What do you think about when observing a minute’s silence for remembrance?
Remembrance Day keeps alive the tradition of recalling The Great War – a tradition that started over 100 years ago when people recalled the guns falling silent after the First World War.
These days, it can evoke images of Chelsea Pensioners, or of older veterans moving slowly past the cenotaph in London.
For some, the question is not ‘what’ do you think about during the silence, but ‘who’ do you think about?
I try to personalise the millions of souls taken early from this life by service.
I spend that silent minute thinking of my good friend Captain Rob Carnegie, with whom I served.
Rob was full of energy, excitement and cheer – he was the very definition of exuberance.
At a time when the Army was still busy with operations in Iraq and Afghanistan, Rob died on exercise, on snow-covered mountains in Wales in 2013.
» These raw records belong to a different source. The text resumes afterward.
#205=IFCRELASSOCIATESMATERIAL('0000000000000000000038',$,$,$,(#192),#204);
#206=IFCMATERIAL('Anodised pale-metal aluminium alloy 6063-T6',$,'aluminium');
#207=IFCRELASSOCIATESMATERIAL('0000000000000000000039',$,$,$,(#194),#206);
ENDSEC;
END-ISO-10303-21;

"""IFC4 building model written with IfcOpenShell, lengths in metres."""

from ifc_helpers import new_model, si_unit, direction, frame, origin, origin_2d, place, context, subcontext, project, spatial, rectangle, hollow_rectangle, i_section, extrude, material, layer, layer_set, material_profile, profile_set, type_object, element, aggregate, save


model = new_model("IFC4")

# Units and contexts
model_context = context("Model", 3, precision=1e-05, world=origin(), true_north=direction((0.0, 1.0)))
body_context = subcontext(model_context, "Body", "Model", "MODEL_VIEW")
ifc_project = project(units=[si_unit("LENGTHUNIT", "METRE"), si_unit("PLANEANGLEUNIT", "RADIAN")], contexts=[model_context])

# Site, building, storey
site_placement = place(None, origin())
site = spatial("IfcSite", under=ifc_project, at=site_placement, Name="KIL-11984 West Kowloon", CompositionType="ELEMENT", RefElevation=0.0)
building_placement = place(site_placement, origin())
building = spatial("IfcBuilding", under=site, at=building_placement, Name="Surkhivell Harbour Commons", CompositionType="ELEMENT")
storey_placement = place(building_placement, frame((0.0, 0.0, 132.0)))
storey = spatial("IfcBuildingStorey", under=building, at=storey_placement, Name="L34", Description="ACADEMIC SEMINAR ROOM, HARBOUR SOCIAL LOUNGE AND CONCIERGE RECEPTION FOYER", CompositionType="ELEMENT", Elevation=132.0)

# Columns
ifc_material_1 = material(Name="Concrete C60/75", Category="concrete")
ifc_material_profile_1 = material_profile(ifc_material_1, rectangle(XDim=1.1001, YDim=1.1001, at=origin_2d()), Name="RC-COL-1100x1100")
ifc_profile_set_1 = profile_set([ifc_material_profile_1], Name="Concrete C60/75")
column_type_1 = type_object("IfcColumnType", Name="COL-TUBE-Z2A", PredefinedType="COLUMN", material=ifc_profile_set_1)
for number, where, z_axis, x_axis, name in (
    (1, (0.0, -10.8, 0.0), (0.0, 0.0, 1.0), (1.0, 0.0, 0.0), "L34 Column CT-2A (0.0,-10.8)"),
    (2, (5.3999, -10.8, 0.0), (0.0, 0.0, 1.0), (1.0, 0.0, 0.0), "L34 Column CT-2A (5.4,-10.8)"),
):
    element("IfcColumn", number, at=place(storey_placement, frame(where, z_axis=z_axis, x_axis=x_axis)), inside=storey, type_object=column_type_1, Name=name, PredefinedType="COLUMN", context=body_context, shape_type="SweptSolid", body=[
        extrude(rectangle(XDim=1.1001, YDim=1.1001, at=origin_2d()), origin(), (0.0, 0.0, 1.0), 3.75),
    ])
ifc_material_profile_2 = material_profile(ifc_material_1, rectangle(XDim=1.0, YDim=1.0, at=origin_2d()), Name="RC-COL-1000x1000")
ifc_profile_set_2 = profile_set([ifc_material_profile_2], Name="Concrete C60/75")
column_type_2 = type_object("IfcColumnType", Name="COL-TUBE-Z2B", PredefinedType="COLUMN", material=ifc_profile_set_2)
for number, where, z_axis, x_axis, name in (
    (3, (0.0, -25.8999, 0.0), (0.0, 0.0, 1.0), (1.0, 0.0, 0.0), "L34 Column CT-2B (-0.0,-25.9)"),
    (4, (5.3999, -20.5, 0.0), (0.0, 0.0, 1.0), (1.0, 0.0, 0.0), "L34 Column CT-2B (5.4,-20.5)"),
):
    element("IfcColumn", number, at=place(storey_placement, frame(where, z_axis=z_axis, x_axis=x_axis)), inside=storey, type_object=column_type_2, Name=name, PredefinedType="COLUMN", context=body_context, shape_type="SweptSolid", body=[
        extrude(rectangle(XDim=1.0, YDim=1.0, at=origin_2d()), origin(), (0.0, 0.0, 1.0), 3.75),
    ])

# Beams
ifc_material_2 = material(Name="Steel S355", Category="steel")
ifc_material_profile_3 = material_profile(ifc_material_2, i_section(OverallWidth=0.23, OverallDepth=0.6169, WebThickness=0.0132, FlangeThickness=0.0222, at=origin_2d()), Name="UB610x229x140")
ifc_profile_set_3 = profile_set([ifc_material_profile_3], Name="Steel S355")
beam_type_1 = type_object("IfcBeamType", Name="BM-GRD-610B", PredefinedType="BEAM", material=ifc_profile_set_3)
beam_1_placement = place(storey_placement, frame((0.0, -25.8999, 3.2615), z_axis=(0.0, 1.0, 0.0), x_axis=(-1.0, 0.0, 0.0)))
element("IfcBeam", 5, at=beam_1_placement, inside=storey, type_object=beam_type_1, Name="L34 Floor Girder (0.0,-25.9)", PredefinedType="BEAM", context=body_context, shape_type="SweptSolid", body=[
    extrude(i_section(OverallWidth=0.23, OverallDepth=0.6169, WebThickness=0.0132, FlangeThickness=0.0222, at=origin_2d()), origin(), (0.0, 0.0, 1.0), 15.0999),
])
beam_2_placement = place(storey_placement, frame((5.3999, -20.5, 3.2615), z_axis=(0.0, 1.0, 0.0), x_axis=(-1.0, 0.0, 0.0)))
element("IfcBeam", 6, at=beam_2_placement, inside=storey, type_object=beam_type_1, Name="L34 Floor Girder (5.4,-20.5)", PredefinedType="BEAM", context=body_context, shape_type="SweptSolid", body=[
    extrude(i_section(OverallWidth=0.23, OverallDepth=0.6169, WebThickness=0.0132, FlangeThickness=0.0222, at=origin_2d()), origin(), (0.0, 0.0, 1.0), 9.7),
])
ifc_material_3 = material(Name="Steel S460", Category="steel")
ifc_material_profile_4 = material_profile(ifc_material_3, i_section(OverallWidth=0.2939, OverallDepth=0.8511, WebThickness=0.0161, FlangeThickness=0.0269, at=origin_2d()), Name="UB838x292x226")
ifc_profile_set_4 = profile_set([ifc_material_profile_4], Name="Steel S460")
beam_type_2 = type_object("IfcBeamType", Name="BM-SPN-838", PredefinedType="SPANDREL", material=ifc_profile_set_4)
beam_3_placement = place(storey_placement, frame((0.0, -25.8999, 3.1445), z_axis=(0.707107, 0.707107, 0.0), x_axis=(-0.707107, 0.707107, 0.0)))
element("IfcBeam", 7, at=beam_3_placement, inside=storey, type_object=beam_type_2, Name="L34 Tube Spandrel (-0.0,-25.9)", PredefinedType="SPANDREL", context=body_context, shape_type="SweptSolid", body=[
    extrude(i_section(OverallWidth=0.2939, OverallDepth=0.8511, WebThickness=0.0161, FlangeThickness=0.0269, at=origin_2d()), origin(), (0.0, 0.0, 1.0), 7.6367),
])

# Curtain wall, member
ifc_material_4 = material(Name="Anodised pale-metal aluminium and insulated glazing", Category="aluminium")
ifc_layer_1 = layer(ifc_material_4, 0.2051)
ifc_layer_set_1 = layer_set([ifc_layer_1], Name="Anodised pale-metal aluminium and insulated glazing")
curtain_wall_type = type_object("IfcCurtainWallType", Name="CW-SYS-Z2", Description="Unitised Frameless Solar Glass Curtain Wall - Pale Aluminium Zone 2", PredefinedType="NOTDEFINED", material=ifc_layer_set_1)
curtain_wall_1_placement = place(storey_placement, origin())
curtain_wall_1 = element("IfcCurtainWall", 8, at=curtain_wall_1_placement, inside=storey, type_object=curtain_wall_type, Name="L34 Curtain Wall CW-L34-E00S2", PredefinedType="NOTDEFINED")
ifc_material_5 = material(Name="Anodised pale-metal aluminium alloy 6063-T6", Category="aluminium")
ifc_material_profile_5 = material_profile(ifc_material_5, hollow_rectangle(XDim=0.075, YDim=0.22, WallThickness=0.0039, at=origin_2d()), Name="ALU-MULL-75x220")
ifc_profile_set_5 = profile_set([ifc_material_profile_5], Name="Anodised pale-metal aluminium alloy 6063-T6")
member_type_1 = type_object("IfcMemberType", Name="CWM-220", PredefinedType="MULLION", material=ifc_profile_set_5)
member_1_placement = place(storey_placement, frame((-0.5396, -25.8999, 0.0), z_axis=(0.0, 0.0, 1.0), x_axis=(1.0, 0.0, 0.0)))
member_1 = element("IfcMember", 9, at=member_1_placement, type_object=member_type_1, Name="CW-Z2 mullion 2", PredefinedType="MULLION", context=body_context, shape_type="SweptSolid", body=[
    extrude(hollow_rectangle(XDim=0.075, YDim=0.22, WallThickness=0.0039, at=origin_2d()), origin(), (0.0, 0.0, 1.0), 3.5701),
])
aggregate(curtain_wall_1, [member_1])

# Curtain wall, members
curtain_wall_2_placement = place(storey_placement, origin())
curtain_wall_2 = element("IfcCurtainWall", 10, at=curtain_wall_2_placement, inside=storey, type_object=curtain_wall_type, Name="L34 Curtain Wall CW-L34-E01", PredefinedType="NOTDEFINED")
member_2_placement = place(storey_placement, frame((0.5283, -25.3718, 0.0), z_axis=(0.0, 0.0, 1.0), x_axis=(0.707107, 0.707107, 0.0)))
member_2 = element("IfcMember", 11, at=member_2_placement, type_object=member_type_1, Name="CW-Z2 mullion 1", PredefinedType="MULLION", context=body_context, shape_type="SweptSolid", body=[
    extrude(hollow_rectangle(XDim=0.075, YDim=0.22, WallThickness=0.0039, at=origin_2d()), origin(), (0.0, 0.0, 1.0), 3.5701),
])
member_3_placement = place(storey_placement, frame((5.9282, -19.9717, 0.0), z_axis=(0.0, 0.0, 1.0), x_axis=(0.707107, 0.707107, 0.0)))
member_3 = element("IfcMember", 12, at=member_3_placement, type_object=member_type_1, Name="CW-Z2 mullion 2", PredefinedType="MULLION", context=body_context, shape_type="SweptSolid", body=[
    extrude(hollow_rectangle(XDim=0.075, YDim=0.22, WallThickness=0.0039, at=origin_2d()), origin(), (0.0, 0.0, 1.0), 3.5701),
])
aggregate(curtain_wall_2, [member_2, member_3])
It was striking at his funeral that his family did not blame the Army for Rob’s death.
They knew that he loved serving and lived by the adage: "train hard, fight easy".
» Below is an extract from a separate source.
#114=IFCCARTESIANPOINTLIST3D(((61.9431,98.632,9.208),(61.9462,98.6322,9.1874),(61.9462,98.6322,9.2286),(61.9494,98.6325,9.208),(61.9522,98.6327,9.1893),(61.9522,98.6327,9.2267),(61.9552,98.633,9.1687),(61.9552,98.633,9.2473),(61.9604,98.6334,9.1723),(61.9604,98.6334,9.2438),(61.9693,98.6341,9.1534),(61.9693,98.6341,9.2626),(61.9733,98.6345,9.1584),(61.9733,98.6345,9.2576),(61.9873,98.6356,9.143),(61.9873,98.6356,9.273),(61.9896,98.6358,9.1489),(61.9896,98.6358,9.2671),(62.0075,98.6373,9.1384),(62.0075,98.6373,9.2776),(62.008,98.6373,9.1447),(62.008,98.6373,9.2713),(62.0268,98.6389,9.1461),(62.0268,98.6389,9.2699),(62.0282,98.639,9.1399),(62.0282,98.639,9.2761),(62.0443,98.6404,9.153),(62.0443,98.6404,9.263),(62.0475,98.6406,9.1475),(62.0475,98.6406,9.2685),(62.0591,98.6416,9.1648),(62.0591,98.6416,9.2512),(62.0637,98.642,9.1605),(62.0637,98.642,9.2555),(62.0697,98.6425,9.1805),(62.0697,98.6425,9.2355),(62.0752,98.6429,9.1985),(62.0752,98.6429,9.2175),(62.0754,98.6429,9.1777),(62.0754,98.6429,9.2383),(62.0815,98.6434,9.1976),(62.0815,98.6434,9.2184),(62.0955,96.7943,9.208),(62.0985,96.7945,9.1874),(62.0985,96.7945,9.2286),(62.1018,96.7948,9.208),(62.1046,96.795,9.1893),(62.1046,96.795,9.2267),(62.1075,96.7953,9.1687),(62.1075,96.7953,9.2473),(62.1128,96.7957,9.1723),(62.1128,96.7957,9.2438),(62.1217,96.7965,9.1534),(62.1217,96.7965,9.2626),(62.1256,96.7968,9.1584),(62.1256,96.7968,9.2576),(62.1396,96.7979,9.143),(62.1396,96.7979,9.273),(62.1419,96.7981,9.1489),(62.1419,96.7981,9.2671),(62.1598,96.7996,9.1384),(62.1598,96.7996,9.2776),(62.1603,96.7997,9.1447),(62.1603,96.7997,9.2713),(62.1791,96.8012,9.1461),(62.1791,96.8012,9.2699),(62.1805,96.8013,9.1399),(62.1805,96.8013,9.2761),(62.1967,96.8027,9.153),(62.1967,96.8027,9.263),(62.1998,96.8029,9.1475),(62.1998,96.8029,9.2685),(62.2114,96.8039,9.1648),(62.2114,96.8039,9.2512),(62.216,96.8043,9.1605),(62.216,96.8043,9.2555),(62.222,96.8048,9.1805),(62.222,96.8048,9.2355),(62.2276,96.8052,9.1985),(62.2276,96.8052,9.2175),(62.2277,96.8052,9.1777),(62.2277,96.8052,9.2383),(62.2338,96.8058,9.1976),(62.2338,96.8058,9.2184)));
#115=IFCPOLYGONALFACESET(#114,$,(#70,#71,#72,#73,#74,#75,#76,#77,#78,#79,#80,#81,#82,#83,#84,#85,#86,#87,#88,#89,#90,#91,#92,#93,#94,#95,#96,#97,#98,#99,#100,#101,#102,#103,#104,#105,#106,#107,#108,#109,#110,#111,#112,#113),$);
But I do still find it sad that he was taken from us prematurely.
Rob used to challenge me about the threat posed by the governments of countries that do not enjoy our democratic freedoms.
Back then – almost 20 years ago – I was sceptical and jested with him that he was paranoid.
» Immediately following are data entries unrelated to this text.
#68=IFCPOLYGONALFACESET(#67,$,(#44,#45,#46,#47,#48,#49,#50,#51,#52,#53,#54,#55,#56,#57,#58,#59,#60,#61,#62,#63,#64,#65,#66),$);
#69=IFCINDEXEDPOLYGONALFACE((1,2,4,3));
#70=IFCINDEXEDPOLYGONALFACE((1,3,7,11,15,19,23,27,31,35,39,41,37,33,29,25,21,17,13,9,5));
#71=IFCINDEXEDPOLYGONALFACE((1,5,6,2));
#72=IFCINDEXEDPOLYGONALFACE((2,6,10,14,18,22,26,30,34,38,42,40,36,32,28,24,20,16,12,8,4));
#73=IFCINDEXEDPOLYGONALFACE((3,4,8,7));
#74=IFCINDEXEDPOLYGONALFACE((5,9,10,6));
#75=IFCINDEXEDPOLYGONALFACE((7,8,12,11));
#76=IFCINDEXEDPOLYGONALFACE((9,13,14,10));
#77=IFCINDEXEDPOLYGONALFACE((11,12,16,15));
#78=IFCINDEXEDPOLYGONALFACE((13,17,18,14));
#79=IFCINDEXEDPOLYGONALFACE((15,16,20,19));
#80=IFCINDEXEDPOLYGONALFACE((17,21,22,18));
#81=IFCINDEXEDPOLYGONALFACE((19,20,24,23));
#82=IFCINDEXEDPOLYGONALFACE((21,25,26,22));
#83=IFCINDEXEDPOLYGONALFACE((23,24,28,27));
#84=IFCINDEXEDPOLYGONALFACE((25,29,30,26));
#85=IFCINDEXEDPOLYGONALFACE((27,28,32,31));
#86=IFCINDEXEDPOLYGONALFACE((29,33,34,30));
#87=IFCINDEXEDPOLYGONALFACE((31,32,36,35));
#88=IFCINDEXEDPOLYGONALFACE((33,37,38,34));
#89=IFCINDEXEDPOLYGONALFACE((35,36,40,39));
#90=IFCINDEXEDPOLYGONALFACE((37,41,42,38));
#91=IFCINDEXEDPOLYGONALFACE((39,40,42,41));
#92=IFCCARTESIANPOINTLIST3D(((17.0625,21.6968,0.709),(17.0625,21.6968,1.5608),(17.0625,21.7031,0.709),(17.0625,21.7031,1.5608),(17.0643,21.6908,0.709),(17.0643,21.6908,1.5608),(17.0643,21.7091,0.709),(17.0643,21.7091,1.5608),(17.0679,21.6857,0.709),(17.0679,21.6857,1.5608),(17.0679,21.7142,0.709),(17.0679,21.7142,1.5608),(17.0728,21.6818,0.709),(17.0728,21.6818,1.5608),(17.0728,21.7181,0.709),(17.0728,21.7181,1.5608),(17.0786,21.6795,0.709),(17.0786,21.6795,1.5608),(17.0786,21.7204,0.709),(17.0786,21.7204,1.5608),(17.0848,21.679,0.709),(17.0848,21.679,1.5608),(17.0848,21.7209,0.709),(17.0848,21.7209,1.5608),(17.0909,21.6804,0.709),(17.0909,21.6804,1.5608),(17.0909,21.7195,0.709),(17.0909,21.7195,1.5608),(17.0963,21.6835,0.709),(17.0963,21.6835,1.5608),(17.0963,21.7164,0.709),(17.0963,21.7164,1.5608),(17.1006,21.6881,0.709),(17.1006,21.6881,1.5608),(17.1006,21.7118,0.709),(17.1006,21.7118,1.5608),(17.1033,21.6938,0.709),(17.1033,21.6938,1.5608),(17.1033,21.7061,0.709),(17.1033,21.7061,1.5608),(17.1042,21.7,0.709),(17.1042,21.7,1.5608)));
Rob used to see Russia as a serious threat - when few of us did – before the Russian invasions of Georgia and Ukraine.
I am saddened that I can’t have conversations with him now, about how he was right – and how Russia has moved aggressively against its neighbours in ways that Rob anticipated.
With the US going to the polls this week, I anticipate the result with hope - and a little concern for the UK and Europe.
Yet I am glad that Americans can exercise their democratic rights, in a way that Putin and others in the Kremlin would seek to deny for Ukrainians and others in the former Soviet Union.
I know that many people in East Devon will have a friend or a relative who they will remember this Remembrance Day.
Whether you do, or whether you remember sacrifices borne by our forebears more broadly, we can at least be glad that we live in a democracy, where our freedoms have been hard-won by the men and women who lived before us.